Unfortunately for Rod Blagojevich, Roland Burris is not a Magic Negro capable of absolving his manifold sins although he would like him to be. (One needs to be a palatable, focus grouped, establishment Negro creation of David Axelrod capable of raising $750 million dollars to be a proper receptacle for white liberal fantasies of racial absolution.) Burris is an uninspiring and irascible functionary that has let his ego get the better of him.

Burris has had a damn chip on his shoulder ever since he was defeated for the Democratic Nomination for Governor in 1994, a Republican year in which no Democrat would have prevailed. The people of Illinois don’t owe him a damn thing and yesterday’s cartoonish spectacle was clear proof that he has taken leave of his senses. The Lieutenant Governor, a Burris friend of 36 years, clearly would have considered appointing the 71-year-old lobbyist and former Illinois Attorney General as a caretaker Senator once Blagojevich was inevitably removed from office.

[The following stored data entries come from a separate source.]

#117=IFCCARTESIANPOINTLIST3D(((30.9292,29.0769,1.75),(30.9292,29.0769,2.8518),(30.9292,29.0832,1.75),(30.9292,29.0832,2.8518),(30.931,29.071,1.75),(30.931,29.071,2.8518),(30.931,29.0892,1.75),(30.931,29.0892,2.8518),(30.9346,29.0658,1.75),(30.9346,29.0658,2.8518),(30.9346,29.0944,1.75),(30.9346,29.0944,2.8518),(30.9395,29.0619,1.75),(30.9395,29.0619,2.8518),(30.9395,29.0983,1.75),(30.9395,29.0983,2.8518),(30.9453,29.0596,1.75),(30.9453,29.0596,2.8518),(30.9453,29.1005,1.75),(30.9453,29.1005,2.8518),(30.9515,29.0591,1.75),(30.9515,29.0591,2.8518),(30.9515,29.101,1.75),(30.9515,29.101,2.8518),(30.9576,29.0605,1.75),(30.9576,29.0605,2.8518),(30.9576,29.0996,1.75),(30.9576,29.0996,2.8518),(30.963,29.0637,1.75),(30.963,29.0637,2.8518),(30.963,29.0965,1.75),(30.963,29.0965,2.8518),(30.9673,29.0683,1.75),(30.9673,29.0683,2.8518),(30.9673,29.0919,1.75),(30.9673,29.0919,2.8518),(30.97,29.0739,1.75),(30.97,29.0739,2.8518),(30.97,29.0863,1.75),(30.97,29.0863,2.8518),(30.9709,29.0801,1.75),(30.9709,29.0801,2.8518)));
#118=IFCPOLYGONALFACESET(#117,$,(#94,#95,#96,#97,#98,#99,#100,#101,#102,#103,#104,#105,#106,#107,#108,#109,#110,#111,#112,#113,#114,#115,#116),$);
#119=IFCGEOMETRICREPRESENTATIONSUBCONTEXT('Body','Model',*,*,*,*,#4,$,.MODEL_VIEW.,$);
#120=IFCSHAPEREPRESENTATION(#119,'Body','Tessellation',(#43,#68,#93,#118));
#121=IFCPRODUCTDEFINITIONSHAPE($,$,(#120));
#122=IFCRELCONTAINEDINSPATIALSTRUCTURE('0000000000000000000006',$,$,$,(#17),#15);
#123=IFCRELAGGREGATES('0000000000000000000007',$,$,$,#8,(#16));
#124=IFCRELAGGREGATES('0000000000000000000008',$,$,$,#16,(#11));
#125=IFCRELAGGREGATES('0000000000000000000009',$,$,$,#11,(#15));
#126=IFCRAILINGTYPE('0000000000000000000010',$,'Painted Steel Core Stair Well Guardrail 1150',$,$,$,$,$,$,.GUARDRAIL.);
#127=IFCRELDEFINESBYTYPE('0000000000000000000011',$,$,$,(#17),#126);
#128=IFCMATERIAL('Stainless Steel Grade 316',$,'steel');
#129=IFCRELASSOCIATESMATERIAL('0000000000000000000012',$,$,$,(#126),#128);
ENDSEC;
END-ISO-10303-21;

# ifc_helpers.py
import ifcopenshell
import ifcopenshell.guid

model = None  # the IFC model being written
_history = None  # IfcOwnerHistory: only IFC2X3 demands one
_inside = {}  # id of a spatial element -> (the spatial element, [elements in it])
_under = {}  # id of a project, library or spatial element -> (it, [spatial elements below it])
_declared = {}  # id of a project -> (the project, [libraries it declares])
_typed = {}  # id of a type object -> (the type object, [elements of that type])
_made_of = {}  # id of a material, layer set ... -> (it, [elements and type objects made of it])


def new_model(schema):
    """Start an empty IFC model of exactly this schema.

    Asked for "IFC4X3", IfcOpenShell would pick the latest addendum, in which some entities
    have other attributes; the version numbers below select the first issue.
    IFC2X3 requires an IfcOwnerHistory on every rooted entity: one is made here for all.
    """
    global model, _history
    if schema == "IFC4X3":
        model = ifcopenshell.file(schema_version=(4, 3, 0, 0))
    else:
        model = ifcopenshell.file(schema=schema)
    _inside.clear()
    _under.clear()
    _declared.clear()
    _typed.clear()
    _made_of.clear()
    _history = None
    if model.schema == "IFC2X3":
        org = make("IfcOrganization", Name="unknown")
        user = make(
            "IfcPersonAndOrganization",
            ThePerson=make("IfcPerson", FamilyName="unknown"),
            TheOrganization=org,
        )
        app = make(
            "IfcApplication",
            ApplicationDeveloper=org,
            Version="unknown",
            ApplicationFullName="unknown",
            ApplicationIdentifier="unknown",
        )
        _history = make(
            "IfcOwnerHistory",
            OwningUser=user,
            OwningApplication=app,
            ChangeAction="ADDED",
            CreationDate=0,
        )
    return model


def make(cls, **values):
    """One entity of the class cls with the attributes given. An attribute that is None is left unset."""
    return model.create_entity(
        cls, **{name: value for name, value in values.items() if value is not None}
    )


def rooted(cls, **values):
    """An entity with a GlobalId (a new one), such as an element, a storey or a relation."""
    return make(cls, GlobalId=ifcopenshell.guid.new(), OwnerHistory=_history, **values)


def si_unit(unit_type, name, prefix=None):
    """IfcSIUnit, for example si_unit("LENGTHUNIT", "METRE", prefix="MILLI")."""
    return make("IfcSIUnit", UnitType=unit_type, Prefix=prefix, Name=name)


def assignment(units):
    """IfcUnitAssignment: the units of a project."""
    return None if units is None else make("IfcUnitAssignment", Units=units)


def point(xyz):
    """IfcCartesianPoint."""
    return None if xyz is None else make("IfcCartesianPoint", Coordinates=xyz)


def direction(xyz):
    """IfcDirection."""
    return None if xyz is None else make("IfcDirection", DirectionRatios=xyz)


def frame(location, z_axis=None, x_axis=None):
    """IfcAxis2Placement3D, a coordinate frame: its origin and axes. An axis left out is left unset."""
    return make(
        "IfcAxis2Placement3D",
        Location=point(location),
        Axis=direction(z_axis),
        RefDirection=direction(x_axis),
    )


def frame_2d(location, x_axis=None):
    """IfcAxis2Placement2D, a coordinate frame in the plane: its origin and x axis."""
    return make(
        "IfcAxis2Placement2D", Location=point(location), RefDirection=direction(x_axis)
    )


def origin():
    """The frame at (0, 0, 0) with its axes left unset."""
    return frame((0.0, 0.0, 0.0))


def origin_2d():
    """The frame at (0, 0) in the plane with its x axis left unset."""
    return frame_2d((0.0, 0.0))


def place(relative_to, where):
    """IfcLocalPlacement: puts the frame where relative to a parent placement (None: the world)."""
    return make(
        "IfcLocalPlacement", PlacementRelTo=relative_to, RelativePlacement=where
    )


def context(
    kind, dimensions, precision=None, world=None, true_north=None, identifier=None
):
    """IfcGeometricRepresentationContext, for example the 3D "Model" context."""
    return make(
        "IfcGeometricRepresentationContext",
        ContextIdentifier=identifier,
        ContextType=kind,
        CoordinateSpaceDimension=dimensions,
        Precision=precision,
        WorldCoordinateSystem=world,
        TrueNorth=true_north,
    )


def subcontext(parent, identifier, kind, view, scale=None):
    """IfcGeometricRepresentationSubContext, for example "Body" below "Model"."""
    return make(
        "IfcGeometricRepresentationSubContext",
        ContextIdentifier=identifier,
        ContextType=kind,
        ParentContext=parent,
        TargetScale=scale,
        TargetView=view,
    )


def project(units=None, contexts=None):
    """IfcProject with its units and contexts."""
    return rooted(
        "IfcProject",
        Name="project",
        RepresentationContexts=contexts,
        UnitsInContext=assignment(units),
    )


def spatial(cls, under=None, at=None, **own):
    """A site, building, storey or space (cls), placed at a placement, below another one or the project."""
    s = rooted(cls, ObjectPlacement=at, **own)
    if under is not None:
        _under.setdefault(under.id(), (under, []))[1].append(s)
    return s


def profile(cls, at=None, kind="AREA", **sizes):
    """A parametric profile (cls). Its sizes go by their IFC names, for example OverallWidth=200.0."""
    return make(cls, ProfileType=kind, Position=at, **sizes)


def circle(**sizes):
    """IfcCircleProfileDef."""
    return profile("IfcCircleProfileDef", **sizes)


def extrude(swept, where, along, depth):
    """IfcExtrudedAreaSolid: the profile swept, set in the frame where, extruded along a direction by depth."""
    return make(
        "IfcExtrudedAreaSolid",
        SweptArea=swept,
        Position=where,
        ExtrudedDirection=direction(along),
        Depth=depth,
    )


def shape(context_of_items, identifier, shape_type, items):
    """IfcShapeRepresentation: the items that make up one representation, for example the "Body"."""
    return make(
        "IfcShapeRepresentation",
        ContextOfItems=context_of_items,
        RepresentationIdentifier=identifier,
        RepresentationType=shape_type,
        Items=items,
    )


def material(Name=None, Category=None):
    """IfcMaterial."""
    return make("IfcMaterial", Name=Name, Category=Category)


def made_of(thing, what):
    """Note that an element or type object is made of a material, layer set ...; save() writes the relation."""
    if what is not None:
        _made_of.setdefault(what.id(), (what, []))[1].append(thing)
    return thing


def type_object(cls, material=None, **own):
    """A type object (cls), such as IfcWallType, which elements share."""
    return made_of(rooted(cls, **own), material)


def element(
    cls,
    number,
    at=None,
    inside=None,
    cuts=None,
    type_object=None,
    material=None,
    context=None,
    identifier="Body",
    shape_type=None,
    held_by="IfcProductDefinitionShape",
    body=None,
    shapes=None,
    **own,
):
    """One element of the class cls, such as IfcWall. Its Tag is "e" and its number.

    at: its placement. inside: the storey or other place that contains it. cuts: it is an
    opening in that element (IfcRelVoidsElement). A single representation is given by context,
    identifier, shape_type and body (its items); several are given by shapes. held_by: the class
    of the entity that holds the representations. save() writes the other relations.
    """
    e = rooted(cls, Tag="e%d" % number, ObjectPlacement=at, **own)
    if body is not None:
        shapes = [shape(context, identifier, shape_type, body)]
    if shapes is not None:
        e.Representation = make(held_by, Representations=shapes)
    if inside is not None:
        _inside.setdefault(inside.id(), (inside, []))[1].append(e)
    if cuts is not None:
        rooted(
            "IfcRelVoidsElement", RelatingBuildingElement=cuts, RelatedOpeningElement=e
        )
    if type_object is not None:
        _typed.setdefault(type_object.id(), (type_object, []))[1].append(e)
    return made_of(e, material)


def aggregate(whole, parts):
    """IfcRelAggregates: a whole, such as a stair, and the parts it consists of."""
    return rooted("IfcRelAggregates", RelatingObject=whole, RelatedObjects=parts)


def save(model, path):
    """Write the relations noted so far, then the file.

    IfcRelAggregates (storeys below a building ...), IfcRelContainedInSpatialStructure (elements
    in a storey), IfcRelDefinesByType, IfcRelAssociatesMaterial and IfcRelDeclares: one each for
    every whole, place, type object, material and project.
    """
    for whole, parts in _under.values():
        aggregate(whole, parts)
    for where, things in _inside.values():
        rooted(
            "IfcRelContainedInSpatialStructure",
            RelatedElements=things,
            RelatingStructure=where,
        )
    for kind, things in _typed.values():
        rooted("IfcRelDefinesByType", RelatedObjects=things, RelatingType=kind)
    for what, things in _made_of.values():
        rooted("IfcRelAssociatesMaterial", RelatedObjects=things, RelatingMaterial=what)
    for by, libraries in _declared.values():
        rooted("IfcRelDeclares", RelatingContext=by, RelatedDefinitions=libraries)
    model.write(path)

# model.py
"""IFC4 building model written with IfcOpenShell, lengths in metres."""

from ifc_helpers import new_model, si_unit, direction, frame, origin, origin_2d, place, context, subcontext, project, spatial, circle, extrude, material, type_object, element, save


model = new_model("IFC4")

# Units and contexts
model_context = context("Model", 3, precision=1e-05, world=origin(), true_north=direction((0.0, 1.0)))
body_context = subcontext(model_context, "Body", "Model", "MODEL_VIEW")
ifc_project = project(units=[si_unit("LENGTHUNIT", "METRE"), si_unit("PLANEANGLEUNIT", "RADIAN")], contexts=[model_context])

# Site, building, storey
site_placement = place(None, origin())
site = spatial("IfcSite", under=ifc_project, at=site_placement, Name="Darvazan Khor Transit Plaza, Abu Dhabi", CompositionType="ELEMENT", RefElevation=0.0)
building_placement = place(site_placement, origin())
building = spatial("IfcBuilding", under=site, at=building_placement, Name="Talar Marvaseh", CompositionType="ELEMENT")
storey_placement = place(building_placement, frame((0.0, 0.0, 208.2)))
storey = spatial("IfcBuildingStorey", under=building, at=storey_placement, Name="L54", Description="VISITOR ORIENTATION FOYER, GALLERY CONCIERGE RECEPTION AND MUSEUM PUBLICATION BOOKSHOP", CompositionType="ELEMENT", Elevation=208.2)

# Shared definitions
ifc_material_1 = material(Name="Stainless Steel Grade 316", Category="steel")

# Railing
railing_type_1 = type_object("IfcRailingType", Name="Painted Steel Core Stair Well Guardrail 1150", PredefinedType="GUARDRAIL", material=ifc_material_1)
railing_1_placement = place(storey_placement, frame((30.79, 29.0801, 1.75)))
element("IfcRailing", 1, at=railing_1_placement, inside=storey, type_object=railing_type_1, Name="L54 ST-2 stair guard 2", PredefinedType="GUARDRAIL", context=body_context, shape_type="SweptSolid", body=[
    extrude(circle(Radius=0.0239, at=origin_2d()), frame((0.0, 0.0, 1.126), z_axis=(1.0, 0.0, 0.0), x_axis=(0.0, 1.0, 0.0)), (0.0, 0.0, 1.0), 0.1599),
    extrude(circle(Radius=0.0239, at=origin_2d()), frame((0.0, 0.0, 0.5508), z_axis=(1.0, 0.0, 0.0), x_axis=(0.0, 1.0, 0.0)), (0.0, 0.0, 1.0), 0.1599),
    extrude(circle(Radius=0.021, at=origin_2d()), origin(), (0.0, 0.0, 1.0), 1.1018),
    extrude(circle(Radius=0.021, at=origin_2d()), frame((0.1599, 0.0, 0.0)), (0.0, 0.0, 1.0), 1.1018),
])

By all accounts, Roland Burris is an honest man and probably won’t ever be charged with any wrongdoing. However, the facts surrounding his lobbying firm’s acquisition of $700,000 in state contracts are worth investigating and probably will be given the Governor’s propensity for awarding state contracts to his politically connected contributors and fundraisers regardless of actual merit.

Burris gets points for running against Rich Daley for Mayor of Chicago, a man I’ve always opposed and regarded as White Chicago’s plantation puppet master, but he won’t ever receive my endorsement for the U.S. Senate. I hope the Illinois Secretary of State, Jesse White, and Senate Democrats stick to their guns and don’t certify this appointment and seat Burris.

I, too, wanted an African American to replace Barack Obama in the Senate given the dearth of Negroes in that body, but it just goes to show that the aphorism “Be careful what you wish for, you just might get it,” is a warning black Democrats should have heeded.